Date of Submission
Much research on fractions has concentrated on the sub-constructs of measure, quotient, operator and ratio from Kieren's model of coordinated fraction knowledge (Kieren, 1980). In the primary school, partitioning, equivalence and unit-forming also can be used to describe children's approaches to fraction tasks (Kieren 1988, 1992, 1993, 1995). Given the approaches used to teaching fractions, other areas of the curriculum such as multiplicative thinking, measurement and spatial knowledge could affect students' understanding of fractions.
In one-to-one interviews, 88 Grade 6 students were asked 65 questions designed to ascertain their understanding of fraction, measurement, geometry and/or visualisation, and multiplication concepts. The students' answers and explanations were recorded on a record sheet at the time of interview and audio- and video-recording enabled later detailed analysis.
The associations between four categories based on Lehrer's key concepts (2003) for spatial measurement (attribute, additivity, units, and proportionality) and the measure sub-construct of fractions were analysed.
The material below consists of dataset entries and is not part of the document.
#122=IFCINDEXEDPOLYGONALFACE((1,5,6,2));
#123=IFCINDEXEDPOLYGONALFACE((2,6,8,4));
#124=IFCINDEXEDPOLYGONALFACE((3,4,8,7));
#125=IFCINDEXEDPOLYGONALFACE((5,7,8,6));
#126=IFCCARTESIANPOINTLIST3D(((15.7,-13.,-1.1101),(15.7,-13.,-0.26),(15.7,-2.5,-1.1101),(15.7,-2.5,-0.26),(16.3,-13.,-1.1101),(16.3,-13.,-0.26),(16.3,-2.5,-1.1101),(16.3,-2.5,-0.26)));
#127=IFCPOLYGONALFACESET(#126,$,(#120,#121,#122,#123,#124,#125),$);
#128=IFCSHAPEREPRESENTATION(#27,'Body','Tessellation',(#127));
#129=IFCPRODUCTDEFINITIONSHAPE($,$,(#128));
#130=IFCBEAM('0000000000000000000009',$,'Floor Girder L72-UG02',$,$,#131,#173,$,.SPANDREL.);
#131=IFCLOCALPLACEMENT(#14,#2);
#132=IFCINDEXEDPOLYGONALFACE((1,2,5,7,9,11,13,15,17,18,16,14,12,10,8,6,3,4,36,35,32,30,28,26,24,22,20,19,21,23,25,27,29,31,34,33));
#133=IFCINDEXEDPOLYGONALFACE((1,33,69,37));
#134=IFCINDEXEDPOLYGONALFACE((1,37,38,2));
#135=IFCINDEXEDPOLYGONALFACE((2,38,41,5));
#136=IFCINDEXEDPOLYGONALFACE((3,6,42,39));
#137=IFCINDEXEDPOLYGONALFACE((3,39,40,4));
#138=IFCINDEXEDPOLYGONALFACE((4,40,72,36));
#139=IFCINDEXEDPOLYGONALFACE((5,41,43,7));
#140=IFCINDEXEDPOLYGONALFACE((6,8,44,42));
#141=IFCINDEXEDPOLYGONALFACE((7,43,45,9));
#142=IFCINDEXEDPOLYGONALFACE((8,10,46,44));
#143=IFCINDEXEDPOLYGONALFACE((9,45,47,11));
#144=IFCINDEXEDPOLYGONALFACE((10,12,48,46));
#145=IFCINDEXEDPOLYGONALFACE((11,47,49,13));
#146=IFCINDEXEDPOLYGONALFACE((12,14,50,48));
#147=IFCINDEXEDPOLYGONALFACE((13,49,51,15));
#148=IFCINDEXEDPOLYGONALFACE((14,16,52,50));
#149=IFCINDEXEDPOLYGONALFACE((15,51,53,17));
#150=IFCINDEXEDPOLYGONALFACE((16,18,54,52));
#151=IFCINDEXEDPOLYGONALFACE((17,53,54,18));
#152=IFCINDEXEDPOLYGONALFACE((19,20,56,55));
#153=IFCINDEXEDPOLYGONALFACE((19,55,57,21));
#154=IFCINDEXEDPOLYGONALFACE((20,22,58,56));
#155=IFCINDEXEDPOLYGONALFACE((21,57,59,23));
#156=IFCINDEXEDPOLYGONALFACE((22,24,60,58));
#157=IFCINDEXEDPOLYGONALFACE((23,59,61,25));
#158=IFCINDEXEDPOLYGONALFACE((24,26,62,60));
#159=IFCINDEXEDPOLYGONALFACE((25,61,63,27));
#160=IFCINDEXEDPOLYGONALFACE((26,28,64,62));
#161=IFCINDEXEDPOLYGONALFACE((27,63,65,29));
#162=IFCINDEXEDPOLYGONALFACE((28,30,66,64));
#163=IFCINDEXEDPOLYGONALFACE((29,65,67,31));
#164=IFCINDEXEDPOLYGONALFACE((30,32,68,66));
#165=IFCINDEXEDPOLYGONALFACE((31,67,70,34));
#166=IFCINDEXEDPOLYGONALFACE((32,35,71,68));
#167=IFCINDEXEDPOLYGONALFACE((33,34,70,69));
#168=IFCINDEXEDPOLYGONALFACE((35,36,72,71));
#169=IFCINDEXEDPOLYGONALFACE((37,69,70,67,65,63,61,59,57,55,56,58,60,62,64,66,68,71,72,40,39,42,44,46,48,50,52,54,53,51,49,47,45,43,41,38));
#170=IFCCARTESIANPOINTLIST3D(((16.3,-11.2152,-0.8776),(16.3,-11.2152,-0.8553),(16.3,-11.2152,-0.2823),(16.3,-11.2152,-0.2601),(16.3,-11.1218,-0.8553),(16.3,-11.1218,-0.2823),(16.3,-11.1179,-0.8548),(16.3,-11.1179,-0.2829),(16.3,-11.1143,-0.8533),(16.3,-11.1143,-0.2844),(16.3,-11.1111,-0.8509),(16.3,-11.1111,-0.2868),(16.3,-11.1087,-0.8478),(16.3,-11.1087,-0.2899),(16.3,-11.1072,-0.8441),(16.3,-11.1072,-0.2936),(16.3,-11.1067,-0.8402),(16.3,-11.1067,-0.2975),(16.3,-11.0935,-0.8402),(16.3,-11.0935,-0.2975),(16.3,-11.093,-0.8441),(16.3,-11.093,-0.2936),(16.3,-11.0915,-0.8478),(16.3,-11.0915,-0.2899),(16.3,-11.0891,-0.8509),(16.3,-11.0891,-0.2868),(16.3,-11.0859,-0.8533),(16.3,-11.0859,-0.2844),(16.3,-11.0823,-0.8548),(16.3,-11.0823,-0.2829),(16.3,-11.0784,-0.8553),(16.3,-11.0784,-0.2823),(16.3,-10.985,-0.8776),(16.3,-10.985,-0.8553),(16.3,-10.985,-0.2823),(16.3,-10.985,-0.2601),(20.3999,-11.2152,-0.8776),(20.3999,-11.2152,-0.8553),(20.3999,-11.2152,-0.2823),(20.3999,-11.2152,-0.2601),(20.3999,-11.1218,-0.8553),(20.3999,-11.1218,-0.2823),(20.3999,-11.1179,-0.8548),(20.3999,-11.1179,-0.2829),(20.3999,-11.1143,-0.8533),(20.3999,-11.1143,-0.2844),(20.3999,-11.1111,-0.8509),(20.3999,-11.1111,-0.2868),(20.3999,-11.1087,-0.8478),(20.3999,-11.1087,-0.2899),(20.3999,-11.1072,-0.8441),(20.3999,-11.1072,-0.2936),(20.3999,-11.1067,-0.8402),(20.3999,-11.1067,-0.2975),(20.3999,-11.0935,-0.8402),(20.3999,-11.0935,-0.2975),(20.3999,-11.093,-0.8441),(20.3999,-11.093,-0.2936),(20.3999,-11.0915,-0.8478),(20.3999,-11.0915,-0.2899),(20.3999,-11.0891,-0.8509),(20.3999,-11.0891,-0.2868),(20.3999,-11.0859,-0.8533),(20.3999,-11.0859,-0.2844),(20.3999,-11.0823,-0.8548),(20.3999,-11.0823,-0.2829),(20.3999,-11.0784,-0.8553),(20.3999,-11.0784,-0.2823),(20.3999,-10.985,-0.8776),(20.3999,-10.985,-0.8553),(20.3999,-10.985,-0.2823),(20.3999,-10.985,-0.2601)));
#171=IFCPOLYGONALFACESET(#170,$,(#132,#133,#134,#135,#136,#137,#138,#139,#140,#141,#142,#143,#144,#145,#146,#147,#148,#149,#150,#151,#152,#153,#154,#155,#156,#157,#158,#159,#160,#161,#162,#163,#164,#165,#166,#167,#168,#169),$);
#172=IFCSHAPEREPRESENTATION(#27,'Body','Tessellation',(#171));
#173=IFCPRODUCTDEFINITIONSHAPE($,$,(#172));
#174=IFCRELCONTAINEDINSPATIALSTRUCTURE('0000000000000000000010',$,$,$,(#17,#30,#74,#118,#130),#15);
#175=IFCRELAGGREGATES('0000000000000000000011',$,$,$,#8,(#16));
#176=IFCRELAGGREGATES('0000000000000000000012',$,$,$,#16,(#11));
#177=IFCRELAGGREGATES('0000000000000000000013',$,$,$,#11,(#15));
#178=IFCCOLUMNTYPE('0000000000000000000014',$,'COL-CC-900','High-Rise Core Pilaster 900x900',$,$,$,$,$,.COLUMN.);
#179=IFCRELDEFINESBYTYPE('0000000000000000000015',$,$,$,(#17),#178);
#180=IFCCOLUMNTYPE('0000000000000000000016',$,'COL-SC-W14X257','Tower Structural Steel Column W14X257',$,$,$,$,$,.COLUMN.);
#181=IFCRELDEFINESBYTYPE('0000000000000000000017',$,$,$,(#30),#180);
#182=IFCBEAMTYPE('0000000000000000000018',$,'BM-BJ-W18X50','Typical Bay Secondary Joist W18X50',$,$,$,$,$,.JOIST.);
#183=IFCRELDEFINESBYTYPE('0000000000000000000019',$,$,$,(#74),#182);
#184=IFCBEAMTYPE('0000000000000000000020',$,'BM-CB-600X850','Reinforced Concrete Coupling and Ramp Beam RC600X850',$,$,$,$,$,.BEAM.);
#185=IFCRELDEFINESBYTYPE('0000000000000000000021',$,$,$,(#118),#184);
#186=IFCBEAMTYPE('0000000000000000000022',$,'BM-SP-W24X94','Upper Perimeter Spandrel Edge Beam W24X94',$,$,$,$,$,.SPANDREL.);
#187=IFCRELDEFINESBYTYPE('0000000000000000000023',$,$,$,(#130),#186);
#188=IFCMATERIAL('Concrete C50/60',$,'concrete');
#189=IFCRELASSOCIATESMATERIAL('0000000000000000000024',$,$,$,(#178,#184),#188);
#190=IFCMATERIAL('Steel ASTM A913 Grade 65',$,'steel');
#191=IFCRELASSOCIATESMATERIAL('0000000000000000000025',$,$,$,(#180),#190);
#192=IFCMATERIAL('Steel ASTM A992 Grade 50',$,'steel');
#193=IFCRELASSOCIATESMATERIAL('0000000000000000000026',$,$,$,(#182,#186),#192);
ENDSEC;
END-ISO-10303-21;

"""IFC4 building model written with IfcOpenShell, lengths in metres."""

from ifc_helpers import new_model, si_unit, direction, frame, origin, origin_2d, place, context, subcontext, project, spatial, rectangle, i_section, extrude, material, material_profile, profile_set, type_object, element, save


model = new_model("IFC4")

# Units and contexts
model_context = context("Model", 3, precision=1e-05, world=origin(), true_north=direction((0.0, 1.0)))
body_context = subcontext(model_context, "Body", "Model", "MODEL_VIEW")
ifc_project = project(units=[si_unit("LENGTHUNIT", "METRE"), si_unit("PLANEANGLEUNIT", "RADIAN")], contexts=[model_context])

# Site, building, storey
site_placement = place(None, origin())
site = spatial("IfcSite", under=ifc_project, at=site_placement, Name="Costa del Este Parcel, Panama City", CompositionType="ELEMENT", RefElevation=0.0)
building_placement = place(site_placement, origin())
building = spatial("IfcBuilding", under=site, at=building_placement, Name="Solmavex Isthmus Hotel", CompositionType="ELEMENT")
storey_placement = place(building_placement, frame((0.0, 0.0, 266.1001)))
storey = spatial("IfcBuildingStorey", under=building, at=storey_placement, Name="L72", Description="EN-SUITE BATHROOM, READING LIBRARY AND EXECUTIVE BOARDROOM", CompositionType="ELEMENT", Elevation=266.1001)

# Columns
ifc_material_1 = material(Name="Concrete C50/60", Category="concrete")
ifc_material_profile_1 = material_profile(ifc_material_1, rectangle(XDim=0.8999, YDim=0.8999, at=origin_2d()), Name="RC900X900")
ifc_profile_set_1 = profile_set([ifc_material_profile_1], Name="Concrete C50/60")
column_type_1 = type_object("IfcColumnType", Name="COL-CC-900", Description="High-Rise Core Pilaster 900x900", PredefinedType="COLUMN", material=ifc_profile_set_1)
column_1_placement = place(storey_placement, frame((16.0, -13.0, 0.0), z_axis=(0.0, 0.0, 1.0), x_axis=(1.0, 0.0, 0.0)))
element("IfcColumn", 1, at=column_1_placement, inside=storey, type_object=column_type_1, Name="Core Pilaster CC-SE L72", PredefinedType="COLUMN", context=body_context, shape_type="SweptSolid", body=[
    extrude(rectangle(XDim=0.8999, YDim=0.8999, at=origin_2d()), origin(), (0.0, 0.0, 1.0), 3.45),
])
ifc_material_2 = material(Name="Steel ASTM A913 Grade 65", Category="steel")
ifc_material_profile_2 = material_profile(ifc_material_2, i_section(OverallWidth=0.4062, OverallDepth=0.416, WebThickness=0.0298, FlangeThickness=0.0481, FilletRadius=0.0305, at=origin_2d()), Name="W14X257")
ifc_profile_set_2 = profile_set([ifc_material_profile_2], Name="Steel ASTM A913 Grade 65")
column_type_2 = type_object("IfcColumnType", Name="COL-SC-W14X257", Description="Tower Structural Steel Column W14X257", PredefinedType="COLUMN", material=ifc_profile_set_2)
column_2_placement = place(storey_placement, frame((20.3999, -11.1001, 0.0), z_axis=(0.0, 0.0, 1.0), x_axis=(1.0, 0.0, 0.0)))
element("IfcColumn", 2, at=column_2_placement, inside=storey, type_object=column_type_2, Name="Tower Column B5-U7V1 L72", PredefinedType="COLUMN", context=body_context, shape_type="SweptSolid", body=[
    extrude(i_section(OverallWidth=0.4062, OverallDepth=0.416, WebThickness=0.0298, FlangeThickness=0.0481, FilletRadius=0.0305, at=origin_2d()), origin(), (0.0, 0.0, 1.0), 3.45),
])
The measure sub-construct was assessed using number lines, fraction comparison tasks, and length and area diagrams.
From detailed examination of students' explanations, insights into misconceptions were gained. Gap thinking in fraction pair size comparisons was discovered to be triggered at the same time as equivalence understanding began. The limitations of a part-whole double count approach to fractional area diagrams was noted.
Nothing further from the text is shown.